My dianthum album only had one bud and flower. It’s a slow grower for me.


----------



## NYEric (Nov 30, 2020)

Nice, everybody. Thanks for sharing.


----------



## Guldal (Nov 30, 2020)

Both very lovely! 

But, Leslie, for once I have to take issue with you - and on behalf of the beautifull plant - in respect of the clonal name: to associate such unremitting beauty with loneliness just won't do! And next year and the year after, when it with certainty will present itself with more flowers you will over and over again and incessantly have to explain the reason for choosing that name.
I understood the pride in naming the wonderful Catt 'Three Pintos' (or something like that) because of the triple flowers. In this case it is like you want to chastigate the plant. If you are in need of expressing your dissatisfaction, a much more adequate way would be to banish the plant, and send it to me! 
(And no reason to pester me with nautical objections - I'm sure our German friends can be of help, when we again can roam and travel the world freely!)


----------



## DrLeslieEe (Nov 30, 2020)

I love it when my given cultivar names elicit an emotional response lol. 

Jens, I decide on names purely based on what the flowers says to me. And indeed he’s kinda alone for now. I may change the name in the future if:

1. He keeps all the buds to open
2. The other 3 dianthum album plants bloom in parallel. 

So for now, he is stuck with that moniker. 

I will post an updated pic. He’s opened larger and twisted the petals. Unfortunately some physan got on him and scarred his pouch (ouchie!). My fault!
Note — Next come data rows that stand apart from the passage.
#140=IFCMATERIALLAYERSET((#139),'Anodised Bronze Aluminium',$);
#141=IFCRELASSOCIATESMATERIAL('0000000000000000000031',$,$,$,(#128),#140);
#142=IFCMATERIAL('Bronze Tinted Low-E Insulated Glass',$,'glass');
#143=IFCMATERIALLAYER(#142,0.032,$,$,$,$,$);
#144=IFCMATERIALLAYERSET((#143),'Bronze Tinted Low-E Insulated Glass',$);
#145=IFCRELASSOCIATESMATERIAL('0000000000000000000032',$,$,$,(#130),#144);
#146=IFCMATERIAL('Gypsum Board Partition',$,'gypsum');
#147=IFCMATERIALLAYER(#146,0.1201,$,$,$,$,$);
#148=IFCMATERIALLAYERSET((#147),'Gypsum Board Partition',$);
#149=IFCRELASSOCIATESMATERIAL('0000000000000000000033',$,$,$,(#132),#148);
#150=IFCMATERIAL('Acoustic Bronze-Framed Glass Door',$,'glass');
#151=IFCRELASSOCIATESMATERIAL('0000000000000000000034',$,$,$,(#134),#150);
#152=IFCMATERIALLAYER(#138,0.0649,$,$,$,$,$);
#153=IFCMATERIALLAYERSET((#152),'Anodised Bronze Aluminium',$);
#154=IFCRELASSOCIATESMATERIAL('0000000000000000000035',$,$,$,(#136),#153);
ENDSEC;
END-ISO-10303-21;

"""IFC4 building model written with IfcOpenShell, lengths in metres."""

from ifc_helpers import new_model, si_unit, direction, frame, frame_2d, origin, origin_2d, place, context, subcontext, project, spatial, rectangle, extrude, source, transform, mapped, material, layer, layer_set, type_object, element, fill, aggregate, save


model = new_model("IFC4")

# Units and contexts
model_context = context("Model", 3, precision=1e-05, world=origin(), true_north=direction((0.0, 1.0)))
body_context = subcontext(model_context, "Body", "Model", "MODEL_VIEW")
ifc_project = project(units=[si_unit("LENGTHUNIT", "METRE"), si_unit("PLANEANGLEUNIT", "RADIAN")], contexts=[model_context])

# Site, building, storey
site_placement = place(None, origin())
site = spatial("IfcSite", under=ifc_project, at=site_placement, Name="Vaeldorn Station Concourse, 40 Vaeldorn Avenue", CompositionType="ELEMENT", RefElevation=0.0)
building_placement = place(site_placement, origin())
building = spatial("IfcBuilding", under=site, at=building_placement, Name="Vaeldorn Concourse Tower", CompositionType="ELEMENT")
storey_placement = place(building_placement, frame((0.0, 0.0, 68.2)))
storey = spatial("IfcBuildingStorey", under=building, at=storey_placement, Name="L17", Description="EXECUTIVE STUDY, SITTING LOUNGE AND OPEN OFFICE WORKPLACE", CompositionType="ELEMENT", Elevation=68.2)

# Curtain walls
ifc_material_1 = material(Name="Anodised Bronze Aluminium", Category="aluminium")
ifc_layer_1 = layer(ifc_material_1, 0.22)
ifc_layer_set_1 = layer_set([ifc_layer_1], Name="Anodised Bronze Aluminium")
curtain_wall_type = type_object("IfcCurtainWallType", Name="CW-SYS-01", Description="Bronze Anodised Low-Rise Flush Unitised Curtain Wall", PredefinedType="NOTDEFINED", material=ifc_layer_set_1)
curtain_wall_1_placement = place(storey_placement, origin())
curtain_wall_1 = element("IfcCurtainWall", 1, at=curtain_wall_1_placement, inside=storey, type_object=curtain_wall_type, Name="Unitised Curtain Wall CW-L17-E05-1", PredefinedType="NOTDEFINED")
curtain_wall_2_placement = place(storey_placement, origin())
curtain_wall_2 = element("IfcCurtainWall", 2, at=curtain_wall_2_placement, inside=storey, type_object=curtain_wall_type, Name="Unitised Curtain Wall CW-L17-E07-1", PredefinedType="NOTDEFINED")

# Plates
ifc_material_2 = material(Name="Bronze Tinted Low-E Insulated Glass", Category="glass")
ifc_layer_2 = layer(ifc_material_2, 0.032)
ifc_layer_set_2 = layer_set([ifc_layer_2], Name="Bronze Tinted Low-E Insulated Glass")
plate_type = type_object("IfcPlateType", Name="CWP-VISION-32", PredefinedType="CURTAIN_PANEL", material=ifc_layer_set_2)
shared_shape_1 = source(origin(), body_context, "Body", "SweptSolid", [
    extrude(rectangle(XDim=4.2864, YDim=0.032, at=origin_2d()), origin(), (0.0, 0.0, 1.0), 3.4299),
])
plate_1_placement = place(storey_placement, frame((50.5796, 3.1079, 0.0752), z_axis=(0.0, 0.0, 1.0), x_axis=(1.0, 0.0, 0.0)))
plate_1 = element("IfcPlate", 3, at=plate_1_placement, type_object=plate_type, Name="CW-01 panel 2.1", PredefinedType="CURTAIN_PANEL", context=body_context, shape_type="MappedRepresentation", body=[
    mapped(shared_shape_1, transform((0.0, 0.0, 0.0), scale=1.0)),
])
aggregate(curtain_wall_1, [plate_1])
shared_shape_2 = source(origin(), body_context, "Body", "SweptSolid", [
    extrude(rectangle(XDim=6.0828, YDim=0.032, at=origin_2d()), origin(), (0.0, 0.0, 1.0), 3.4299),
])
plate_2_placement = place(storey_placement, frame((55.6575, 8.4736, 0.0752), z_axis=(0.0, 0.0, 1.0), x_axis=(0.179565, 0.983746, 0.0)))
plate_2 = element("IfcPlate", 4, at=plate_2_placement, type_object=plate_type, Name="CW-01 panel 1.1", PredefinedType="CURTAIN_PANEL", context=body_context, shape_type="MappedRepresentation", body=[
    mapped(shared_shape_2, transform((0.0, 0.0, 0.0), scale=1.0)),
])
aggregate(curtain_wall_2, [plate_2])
Bad daddy


----------



## DrLeslieEe (Nov 30, 2020)

Poor guy 
Still curled at petal tips...
Lesson: don’t spray physan on blooms!


----------



## emydura (Nov 30, 2020)

Nice. Again my diathum is in bud which should open soon. I don',t know how we are synchronising our flowering on opposite sides of the world. 

What is the big multi on bud just behind the diathum?


----------



## DrLeslieEe (Nov 30, 2020)

I just checked OrchidWiz, and yes you are right.... my blooms are out of sync for northerm hemisphere. I had set my OrchidWiz by mistake to southern hemisphere setting lol. Seems like my plants are following this wrong setting too. 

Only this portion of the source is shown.